Additionally, I also like to see my emotionality as a potential strength now – when others are in pain, I can feel it too, and I do what I can to help. I don’t want anybody to feel as alone as I have for large chunks of my life.

Experts like the London-based Psychotherapist Imi Lo encourages Borderlines to see their unusually high frequency as being an example of them being ‘emotionally gifted.’ This is a phrase which I fell in love with when I heard it – being emotionally gifted can lead to the greatest empathy for others, the most emotional art and other avenues for creativity.

So, I am always trying to see the silver lining – it’s not always easy but you have to see it, or you will soon become lost in the fog of your own condition. I refuse to allow this to happen. There is too much at stake.

Alhamdulillah – I am now able to take hits and disappointment without becoming devastated or suicidal.
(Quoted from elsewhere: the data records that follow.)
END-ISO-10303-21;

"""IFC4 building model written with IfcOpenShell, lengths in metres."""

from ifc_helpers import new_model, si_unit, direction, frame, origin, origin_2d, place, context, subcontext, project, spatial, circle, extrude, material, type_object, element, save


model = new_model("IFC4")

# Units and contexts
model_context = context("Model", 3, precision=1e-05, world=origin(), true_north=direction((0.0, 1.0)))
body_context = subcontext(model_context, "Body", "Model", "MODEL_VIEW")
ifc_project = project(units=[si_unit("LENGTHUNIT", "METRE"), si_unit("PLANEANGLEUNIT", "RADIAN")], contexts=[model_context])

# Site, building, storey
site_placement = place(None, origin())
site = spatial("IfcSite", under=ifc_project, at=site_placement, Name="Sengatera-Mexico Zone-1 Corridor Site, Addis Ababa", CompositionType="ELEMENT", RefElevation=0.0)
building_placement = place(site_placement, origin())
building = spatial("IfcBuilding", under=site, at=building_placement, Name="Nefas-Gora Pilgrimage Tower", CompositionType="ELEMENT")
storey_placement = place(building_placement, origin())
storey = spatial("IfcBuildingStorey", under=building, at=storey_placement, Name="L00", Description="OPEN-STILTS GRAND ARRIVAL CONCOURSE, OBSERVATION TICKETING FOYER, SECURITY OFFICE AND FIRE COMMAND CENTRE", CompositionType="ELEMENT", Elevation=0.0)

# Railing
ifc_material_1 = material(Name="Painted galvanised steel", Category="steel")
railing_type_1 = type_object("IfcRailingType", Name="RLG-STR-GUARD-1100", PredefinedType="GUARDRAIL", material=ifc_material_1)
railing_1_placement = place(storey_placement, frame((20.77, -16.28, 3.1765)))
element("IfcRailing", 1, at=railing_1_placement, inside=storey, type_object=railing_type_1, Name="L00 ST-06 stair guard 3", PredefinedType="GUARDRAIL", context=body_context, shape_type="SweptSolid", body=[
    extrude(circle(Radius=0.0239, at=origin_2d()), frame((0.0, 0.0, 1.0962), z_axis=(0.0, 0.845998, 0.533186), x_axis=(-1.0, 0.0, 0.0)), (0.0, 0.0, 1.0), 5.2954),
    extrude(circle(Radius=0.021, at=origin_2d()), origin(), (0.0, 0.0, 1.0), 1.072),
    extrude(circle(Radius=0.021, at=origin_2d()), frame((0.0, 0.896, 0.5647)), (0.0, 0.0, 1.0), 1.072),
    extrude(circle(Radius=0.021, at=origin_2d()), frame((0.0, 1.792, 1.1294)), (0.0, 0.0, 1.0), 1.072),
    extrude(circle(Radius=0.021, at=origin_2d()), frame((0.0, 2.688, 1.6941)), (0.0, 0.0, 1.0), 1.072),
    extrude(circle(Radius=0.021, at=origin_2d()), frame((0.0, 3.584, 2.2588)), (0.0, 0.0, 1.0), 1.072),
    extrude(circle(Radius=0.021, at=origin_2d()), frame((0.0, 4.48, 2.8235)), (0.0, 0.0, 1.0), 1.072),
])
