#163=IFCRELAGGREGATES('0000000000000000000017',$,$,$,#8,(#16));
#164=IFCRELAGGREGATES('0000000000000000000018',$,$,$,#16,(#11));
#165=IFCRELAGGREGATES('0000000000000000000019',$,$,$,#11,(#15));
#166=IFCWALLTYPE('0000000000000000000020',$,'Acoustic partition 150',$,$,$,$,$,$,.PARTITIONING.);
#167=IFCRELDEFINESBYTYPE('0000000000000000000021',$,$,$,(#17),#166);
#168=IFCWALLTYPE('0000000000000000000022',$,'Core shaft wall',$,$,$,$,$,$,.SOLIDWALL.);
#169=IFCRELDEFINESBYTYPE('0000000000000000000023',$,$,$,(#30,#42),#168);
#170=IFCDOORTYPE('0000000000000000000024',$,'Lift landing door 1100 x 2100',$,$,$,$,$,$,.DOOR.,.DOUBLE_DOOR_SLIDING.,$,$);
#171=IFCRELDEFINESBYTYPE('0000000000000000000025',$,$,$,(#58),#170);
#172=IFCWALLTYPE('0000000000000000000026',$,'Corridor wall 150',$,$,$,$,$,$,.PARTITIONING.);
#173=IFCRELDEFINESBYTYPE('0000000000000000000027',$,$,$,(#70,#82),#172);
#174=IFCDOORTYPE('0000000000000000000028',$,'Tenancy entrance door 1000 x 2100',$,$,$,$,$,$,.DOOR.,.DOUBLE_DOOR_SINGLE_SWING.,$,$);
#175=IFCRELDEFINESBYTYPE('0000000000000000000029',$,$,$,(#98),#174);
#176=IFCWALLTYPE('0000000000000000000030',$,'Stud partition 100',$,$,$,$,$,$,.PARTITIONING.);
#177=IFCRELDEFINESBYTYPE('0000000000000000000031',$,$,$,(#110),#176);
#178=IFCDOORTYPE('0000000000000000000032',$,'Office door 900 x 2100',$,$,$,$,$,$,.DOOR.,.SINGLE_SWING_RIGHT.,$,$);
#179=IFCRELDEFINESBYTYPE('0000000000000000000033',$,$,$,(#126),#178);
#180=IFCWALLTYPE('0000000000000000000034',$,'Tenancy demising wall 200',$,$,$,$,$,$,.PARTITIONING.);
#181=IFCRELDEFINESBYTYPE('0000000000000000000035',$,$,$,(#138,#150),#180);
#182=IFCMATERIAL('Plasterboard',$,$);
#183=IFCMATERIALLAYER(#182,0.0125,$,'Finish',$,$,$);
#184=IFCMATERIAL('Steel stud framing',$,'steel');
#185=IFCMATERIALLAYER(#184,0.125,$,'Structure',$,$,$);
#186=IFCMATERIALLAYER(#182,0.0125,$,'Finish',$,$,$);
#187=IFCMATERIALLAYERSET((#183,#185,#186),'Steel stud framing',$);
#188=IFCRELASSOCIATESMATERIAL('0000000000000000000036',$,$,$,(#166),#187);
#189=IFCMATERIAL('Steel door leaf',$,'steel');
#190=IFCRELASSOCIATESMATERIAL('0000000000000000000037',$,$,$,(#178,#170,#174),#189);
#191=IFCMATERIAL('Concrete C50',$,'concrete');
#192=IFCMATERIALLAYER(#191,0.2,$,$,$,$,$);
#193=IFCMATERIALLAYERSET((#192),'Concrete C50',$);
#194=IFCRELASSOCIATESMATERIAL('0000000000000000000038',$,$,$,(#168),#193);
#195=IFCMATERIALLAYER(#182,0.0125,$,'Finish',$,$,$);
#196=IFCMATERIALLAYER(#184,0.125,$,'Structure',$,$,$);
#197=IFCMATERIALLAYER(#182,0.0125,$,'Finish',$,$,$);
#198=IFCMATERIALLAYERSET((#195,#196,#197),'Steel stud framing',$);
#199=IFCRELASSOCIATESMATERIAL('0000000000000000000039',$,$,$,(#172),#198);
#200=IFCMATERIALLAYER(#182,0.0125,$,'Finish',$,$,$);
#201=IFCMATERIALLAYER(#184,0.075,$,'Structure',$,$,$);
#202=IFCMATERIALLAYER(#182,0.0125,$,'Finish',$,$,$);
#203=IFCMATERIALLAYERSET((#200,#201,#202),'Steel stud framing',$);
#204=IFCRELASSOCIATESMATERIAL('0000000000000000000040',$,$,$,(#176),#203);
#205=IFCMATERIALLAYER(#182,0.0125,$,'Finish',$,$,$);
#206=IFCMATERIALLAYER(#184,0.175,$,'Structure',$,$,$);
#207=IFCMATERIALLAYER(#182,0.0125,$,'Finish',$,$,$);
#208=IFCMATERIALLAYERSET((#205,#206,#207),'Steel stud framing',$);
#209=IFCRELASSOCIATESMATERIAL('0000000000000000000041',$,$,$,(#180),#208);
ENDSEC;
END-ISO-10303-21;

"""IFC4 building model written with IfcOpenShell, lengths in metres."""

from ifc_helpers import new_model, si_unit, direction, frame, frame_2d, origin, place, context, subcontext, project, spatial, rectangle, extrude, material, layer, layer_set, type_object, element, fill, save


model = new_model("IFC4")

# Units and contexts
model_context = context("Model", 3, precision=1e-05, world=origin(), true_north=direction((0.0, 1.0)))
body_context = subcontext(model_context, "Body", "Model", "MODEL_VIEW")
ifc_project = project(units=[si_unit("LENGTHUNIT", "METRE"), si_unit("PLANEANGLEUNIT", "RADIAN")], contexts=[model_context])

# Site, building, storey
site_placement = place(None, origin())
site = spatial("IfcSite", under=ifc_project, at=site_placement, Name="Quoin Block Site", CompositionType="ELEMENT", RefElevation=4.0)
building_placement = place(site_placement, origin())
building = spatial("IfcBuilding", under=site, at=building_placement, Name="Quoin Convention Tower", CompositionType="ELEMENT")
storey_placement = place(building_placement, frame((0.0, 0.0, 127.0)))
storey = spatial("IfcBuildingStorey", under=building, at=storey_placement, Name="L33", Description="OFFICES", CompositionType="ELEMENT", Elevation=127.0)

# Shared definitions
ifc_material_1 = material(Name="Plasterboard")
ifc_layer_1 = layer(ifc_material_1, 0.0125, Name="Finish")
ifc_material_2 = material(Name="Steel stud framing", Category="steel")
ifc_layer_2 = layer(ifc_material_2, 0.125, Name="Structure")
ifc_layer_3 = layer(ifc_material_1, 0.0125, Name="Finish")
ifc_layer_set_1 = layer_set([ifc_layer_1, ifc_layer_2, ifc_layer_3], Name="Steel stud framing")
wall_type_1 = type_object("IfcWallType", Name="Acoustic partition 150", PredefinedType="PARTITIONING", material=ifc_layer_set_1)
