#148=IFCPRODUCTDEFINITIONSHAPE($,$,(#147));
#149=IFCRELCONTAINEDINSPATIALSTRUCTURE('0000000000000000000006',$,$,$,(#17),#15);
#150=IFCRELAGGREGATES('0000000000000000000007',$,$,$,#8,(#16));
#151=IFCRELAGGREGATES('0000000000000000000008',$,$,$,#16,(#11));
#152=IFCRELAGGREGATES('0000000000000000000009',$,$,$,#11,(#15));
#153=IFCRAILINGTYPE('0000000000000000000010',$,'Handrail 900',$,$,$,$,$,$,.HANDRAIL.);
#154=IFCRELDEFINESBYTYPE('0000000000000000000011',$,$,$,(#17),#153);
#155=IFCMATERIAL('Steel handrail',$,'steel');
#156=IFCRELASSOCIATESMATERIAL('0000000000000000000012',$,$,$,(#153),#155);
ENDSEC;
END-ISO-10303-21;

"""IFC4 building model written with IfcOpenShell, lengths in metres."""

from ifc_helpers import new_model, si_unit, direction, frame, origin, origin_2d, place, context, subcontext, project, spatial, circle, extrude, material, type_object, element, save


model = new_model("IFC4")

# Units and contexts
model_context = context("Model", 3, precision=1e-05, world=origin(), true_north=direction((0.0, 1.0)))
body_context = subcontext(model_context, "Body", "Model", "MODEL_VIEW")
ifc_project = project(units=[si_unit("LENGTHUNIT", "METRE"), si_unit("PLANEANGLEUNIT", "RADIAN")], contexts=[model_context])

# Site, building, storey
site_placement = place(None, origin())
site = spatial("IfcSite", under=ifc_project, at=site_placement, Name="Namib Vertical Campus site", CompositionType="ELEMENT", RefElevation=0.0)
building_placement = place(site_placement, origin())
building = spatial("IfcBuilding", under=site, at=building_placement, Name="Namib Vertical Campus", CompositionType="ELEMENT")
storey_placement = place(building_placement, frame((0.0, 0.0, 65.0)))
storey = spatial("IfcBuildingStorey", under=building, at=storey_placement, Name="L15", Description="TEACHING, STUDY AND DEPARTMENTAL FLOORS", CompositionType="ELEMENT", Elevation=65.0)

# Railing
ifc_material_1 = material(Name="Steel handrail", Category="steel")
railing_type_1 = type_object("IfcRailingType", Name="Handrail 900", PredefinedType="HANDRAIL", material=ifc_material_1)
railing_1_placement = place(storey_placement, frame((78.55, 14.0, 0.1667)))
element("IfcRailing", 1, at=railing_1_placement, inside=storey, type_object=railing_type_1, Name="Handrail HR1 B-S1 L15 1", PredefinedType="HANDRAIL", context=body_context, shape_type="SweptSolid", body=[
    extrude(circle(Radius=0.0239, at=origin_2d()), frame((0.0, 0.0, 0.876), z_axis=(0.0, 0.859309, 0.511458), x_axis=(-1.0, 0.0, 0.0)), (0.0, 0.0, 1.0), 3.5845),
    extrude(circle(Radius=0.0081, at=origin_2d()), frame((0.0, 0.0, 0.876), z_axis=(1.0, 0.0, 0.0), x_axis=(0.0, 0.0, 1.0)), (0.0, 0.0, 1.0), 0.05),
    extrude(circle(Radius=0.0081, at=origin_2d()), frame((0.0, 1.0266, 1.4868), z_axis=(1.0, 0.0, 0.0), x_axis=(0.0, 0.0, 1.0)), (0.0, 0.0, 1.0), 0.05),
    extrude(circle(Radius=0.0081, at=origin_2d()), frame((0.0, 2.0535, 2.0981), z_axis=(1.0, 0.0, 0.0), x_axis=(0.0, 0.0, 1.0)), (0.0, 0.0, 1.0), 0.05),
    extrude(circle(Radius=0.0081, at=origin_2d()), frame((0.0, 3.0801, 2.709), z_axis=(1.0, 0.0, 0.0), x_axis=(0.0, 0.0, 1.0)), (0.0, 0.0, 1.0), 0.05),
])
If I want to harm myself (and that thought has become instinctive over the years), I pick up an ice cube and hold it until it melts. This technique means relief without any marks on the body – and it establishes some control back for me, not The Voice.

I am not out of the woods yet – but I keep battling – for myself, my wife and my children.

Being told that I was a Borderline made a lot of things make sense to me – now, I know my enemy.

It is no longer a faceless form in the shadows.

The Voice is still there – but it’s not as loud as it used to be.

It knows it has a fight on its hands.